Editor’s Note: As of January 2022, iland is now 11:11 Systems, a managed infrastructure solutions provider at the forefront of cloud, connectivity, and security. As a legacy iland.com blog post, this article likely contains information that is no longer relevant. For the most up-to-date product information and resources, or if you have further questions, please refer to the 11:11 Systems Success Center or contact us directly.
Last Friday, we held our London Tech Week Panel Session on UK Cloud adoption, and while many in the audience were bleary-eyed and a little shell-shocked after staying up late to watch the results of the EU referendum, we had an engaging panel discussion about where we’re currently at with UK cloud adoption and where we’re heading. None of our panelists – which included cloud experts from techUK, Cisco, Behind Every Cloud and the 11:11 Systems customer Bluestone Financial Services – pretended to have deep insights about how the UK cloud industry landscape would change post-Brexit. They were still digesting the news just like everyone else and acknowledged that there are currently more questions than answers.
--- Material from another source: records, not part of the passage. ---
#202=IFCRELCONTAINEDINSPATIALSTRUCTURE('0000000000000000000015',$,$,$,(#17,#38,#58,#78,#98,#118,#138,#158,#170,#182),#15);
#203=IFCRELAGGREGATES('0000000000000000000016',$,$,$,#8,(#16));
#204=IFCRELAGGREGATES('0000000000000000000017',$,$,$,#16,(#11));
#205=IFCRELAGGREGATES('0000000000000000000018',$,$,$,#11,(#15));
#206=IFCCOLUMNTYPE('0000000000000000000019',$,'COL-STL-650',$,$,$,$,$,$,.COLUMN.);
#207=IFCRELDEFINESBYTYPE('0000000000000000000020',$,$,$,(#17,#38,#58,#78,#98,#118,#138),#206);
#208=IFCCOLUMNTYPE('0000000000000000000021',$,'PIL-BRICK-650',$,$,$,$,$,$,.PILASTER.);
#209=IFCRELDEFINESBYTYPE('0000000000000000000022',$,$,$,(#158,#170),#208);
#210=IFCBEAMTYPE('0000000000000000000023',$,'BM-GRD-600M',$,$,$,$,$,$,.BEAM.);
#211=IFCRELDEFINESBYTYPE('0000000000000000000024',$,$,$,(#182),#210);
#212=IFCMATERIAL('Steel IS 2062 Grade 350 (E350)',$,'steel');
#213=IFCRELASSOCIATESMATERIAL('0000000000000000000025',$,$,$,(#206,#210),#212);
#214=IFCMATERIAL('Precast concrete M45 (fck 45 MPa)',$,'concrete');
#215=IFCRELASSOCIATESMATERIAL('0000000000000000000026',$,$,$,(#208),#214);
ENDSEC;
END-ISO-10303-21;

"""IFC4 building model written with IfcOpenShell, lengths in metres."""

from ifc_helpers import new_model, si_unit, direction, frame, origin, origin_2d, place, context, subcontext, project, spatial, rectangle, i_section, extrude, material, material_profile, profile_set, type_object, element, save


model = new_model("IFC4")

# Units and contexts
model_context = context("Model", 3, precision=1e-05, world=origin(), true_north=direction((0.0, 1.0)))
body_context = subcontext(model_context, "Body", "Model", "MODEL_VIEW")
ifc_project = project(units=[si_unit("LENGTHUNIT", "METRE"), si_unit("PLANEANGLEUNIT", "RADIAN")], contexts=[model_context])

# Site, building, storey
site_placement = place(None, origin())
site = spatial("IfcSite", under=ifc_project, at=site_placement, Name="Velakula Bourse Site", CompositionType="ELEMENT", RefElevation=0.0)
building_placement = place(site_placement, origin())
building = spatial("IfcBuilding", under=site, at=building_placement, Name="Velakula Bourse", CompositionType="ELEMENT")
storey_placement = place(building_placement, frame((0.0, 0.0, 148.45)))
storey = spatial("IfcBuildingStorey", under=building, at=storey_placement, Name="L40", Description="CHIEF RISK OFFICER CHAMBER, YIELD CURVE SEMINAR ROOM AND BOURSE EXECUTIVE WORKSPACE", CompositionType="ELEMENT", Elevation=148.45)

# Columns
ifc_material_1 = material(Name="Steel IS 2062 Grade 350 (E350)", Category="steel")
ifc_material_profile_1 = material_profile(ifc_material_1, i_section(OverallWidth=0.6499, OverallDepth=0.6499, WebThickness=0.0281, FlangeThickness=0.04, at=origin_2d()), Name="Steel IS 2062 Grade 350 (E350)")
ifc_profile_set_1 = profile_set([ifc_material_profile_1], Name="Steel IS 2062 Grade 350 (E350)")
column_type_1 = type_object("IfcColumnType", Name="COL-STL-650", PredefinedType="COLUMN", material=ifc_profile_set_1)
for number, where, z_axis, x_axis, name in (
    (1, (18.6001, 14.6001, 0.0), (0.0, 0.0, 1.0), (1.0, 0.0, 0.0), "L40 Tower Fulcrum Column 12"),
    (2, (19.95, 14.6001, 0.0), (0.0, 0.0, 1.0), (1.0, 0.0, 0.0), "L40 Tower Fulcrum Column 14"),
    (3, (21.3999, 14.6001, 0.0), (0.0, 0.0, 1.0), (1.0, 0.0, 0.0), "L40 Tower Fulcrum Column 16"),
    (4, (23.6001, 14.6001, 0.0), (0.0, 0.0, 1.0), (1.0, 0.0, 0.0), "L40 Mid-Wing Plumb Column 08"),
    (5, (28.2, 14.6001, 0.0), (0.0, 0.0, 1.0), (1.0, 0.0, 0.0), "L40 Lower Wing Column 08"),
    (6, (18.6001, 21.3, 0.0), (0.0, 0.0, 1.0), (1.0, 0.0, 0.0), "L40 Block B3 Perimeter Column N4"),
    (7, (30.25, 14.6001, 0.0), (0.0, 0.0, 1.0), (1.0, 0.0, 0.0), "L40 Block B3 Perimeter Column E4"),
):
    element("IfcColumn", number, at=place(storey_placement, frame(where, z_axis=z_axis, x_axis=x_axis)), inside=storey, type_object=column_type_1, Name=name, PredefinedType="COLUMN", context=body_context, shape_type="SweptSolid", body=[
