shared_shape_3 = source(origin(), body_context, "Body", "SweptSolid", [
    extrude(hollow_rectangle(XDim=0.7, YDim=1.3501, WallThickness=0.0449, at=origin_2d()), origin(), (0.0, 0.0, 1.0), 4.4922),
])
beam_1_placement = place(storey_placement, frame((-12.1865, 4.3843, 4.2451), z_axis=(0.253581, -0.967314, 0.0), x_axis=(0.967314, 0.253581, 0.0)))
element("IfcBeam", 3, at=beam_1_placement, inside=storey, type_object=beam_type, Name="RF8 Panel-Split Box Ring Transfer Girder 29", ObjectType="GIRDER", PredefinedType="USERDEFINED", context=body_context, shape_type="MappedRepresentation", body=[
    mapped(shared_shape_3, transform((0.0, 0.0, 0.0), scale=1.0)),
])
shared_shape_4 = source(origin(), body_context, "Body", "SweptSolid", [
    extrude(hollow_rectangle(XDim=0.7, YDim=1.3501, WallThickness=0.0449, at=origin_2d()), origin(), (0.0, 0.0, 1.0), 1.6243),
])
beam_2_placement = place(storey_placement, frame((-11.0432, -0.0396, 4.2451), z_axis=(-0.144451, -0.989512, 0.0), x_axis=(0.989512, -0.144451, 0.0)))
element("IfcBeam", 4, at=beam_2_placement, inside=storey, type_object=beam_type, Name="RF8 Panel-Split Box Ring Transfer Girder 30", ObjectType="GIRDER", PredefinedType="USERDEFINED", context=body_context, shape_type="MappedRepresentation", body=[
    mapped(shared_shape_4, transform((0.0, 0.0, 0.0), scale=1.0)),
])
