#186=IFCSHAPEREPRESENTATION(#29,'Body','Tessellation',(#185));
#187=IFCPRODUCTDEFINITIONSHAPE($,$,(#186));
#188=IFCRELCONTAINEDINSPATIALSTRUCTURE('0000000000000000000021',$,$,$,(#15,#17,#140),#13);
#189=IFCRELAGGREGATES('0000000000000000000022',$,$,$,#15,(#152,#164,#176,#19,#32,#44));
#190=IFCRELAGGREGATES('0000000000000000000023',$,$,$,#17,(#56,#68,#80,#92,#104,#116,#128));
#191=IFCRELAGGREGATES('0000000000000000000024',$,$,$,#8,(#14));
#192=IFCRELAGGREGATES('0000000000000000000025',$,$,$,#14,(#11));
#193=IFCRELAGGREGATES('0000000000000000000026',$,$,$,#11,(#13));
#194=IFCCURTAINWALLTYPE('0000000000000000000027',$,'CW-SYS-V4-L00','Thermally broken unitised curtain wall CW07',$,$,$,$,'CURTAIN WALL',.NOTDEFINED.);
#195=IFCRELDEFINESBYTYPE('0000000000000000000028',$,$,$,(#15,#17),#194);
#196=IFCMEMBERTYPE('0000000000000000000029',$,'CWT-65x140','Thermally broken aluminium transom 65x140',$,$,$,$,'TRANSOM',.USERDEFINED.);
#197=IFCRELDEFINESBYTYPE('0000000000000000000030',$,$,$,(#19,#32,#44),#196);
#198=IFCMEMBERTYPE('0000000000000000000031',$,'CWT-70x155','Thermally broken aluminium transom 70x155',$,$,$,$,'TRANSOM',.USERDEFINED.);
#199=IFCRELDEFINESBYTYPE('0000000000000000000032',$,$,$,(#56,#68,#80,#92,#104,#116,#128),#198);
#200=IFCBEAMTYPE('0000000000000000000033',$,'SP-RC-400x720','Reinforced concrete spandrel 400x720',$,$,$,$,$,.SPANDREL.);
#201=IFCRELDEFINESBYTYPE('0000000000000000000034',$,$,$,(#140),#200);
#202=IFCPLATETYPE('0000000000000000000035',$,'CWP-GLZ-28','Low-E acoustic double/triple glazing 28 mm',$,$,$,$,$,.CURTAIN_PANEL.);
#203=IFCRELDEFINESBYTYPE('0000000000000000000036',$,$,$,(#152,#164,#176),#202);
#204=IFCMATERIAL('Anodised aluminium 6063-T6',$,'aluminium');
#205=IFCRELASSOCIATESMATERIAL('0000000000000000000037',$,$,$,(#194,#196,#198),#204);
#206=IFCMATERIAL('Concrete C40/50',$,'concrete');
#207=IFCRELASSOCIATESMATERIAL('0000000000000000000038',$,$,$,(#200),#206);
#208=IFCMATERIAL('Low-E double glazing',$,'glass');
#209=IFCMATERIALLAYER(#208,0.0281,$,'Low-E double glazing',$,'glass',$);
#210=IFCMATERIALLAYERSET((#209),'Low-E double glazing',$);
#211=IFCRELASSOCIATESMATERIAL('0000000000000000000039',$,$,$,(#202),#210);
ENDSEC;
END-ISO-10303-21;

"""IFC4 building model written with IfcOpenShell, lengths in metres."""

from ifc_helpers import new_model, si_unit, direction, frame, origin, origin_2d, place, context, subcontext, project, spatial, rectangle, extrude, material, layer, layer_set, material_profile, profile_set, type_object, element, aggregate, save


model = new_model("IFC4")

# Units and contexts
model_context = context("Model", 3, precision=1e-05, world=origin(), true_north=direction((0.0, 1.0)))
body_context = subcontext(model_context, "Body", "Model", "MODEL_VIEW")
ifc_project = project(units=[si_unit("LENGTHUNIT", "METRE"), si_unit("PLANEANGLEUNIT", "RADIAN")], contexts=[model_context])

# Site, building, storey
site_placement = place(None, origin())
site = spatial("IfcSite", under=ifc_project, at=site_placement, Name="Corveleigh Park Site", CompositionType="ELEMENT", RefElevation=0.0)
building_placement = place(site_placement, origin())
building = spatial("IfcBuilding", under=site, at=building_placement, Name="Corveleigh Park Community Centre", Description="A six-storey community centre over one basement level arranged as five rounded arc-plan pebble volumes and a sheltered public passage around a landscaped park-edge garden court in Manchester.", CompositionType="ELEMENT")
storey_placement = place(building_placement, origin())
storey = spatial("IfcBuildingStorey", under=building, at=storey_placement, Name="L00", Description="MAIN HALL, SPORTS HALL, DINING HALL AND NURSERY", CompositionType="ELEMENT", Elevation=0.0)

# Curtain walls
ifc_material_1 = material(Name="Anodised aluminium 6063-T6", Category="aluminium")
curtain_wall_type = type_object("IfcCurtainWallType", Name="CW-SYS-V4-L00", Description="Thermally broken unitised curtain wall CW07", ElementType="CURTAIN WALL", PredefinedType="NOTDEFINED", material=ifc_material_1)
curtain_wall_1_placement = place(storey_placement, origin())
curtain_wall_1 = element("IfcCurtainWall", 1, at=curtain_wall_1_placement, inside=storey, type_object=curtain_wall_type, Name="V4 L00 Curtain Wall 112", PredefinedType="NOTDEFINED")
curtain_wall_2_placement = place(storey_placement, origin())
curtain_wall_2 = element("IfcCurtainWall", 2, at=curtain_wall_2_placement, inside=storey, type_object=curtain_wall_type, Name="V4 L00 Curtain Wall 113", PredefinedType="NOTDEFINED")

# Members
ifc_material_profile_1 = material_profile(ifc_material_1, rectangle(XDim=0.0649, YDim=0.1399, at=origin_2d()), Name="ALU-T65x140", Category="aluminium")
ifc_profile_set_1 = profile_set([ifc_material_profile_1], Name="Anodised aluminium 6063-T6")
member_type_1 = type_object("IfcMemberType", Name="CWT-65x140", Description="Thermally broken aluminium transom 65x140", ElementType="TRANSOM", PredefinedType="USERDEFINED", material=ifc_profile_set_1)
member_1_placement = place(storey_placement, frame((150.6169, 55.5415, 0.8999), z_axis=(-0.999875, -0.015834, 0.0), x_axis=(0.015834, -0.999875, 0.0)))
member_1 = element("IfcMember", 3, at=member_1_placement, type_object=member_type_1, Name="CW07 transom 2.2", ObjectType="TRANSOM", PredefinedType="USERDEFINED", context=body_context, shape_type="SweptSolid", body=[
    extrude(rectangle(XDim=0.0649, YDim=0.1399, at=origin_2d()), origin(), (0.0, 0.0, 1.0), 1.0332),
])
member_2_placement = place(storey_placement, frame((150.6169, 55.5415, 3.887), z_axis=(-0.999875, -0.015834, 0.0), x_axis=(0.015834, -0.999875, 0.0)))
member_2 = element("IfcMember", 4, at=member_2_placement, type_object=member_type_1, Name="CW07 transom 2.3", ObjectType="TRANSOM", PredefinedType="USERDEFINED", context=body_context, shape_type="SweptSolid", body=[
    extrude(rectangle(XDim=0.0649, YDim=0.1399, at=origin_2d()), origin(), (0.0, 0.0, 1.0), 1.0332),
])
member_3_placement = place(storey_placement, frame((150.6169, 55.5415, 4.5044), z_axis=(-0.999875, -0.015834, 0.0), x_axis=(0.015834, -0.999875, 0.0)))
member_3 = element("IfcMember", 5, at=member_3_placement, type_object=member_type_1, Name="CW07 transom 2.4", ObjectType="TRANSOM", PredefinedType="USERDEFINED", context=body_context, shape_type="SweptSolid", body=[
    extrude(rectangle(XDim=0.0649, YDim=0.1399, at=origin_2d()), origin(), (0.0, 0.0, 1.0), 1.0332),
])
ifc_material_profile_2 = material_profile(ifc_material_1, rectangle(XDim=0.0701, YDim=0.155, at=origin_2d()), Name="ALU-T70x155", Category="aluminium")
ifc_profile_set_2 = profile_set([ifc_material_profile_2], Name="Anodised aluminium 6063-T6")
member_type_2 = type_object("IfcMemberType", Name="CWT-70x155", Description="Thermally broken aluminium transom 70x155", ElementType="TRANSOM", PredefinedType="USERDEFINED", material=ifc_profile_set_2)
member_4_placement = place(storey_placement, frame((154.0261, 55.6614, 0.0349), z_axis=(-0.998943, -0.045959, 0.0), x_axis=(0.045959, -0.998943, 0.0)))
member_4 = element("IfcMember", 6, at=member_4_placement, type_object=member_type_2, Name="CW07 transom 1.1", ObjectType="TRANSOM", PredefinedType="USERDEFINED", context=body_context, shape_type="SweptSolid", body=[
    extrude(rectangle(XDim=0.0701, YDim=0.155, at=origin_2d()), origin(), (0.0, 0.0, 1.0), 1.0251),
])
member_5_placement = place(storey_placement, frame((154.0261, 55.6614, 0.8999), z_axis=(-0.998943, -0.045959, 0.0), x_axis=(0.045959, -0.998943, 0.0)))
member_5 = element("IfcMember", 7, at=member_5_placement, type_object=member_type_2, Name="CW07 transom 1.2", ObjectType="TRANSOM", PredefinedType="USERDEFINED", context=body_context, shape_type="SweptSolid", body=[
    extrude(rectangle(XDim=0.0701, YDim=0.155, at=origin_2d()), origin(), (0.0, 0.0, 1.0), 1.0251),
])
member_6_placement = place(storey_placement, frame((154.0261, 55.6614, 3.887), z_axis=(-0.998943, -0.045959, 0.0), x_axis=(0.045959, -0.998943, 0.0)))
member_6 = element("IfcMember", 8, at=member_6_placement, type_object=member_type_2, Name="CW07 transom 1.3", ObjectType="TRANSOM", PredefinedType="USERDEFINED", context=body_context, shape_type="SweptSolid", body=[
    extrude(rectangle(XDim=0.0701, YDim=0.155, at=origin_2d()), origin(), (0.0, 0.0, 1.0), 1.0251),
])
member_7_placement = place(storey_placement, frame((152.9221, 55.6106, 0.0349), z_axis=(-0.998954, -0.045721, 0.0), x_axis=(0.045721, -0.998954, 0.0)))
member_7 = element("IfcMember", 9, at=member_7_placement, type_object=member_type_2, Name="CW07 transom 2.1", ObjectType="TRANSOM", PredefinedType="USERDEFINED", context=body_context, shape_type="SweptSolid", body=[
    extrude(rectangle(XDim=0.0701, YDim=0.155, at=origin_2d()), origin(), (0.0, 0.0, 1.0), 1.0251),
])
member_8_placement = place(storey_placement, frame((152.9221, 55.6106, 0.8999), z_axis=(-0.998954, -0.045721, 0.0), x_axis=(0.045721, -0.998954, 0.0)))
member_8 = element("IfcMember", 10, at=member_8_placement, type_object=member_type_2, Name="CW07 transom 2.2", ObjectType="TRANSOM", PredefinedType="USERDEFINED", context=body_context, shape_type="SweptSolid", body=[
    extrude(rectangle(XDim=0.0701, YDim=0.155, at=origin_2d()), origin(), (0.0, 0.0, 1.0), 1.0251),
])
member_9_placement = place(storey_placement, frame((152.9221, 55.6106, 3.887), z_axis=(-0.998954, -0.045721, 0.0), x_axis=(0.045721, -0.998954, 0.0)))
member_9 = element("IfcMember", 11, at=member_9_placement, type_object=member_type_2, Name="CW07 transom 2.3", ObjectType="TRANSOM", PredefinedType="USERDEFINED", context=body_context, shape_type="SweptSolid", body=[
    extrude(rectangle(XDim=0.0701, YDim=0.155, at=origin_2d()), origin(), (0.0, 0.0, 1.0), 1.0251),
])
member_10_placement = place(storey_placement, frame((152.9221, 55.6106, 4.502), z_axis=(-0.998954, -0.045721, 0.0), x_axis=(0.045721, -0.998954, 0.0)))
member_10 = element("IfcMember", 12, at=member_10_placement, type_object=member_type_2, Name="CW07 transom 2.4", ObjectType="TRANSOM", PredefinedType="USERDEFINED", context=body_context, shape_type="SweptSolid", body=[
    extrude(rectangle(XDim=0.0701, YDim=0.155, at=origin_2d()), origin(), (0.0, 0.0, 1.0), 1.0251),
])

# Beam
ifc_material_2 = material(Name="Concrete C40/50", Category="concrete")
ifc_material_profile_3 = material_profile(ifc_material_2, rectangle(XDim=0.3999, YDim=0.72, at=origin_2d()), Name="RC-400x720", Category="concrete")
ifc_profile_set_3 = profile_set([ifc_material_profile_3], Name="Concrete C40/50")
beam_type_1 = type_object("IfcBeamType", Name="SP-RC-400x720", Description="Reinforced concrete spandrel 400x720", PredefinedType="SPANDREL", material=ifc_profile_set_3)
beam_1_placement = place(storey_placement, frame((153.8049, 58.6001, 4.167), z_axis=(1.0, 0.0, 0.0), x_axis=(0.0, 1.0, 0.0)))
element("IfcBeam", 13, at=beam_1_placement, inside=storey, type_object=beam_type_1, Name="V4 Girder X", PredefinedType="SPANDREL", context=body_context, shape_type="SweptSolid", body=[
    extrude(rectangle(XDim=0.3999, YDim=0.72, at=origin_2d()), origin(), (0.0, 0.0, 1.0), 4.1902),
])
What our panelists did agree on, though, was that a post-Brexit UK – whenever that may become a reality – will not change a number of things in the cloud industry. The current focus on cloud security and compliance will continue. Whether UK businesses need to adhere to EU data protection mandates or other more local and global compliance regulations, the current investments that many forward-thinking IT leaders are making around cloud security and compliance will not go to waste. And, data sovereignty – already top of mind for many EMEA businesses – will become even more important in a post-Brexit world.
The very well-known and over-marketed English saying ‘Keep Calm and Carry On’, may well be good advice for UK IT leaders currently on their cloud adoption journeys. Keep innovating with the cloud and carry on with your due diligence around support, security and compliance, and data sovereignty. Engaging with cloud service providers that make security and compliance a priority, can ensure data sovereignty within UK borders and beyond, and are prepared to embark on a true partnership with customers to navigate the changes ahead will be essential. And, it is important to avoid putting the brakes on cloud adoption in what promises to be an even more competitive trading environment post-Brexit. At a time like this, the agility, scalability, cost savings, and flexibility that cloud computing can offer European businesses will be more important than ever – as long as you have the right cloud partner to help you work through the inevitable changes ahead.